Panagiotis Tarinidis

Personal information
- Born: 15 October 1994 (age 31)

Sport
- Sport: Powerlifting

Medal record
Representing France
Classic Men's World Championships
| 5th | 2019 Helsingborg | 66 kg |
| Gold medal – first place | 2021 Halmstad | 66 kg |
| 5th | 2022 Sun City | 66 kg |
| Gold medal – first place | 2023 Valletta | 66 kg |
| Bronze medal – third place | 2024 Druskininkai | 66 kg |
Classic Men's European Championships
| Silver medal – second place | 2018 Kaunas | 66 kg |
| Gold medal – first place | 2021 Vasteras | 66 kg |
| DSQ | 2022 Skierniewice | 66 kg |
| Gold medal – first place | 2023 Tartu | 66 kg |
SBD Sheffield Powerlifting Championships
| 5th | 2024 Sheffield | Absolute |
| 10th | 2025 Sheffield | Absolute |

= Panagiotis Tarinidis =

French powerlifter

Panagiotis Tarinidis (born 15 October 1994) is a French powerlifter competing in the raw 74 kilogram category. Tarinidis is two time world champion and two time European champion in the raw 66 kilogram category.
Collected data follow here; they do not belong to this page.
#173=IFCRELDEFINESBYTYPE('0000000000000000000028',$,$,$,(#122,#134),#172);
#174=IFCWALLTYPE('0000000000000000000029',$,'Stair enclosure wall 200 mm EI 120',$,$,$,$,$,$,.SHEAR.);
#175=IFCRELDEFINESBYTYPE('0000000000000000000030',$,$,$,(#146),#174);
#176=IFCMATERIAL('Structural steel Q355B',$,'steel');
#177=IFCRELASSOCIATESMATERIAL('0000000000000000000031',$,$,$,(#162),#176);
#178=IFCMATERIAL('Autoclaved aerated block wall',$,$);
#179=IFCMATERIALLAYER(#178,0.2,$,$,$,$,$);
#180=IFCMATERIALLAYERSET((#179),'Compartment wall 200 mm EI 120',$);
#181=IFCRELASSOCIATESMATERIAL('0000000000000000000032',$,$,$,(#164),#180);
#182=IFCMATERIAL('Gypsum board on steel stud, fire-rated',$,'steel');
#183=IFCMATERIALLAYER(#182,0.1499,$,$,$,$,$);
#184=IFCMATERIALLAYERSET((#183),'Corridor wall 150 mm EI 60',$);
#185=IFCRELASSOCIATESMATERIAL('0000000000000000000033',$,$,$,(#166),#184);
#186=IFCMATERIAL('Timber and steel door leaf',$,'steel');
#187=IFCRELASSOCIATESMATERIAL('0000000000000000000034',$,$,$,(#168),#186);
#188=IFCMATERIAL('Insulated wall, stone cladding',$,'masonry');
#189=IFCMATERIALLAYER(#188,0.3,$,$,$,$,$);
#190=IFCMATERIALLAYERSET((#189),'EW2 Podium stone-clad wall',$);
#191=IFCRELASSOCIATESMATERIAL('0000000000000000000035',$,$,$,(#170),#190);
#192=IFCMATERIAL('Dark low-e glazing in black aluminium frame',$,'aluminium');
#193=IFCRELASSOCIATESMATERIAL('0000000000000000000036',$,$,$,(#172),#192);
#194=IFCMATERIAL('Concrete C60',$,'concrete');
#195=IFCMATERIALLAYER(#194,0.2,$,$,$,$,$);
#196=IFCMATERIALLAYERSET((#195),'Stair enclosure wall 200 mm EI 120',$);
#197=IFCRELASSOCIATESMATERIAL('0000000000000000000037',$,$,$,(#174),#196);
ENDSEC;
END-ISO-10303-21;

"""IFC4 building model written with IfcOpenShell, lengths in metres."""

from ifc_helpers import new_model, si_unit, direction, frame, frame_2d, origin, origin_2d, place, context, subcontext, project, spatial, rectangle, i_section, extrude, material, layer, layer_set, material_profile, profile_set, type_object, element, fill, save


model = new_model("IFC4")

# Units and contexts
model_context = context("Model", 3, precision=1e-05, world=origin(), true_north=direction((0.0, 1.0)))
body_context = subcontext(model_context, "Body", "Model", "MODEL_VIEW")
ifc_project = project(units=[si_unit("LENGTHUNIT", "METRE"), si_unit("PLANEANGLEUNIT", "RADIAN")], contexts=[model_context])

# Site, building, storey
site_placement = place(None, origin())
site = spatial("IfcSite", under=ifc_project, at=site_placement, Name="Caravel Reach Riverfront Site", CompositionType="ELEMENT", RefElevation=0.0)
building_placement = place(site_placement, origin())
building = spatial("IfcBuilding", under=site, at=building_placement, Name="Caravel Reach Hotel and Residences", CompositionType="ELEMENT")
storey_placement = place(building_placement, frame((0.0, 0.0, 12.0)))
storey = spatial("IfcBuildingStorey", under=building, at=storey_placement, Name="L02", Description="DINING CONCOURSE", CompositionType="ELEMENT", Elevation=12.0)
At the 2023 International Powerlifting Federation (IPF) World Classic Powerlifting Championships, Tarinidis scored his second career IPF Open World title by squatting 247.5 kg, and completing an all-time raw bench press of 172.5 kg, finishing the day with a deadlift of 285 kg. In June of the same year, Tarinidis became champion at the 2023 IPF World Classic Open Powerlifting Championships.

His personal bests in raw powerlifting competition is a 277.5 kg squat, a 187.5 kg bench press and a 290 kg deadlift.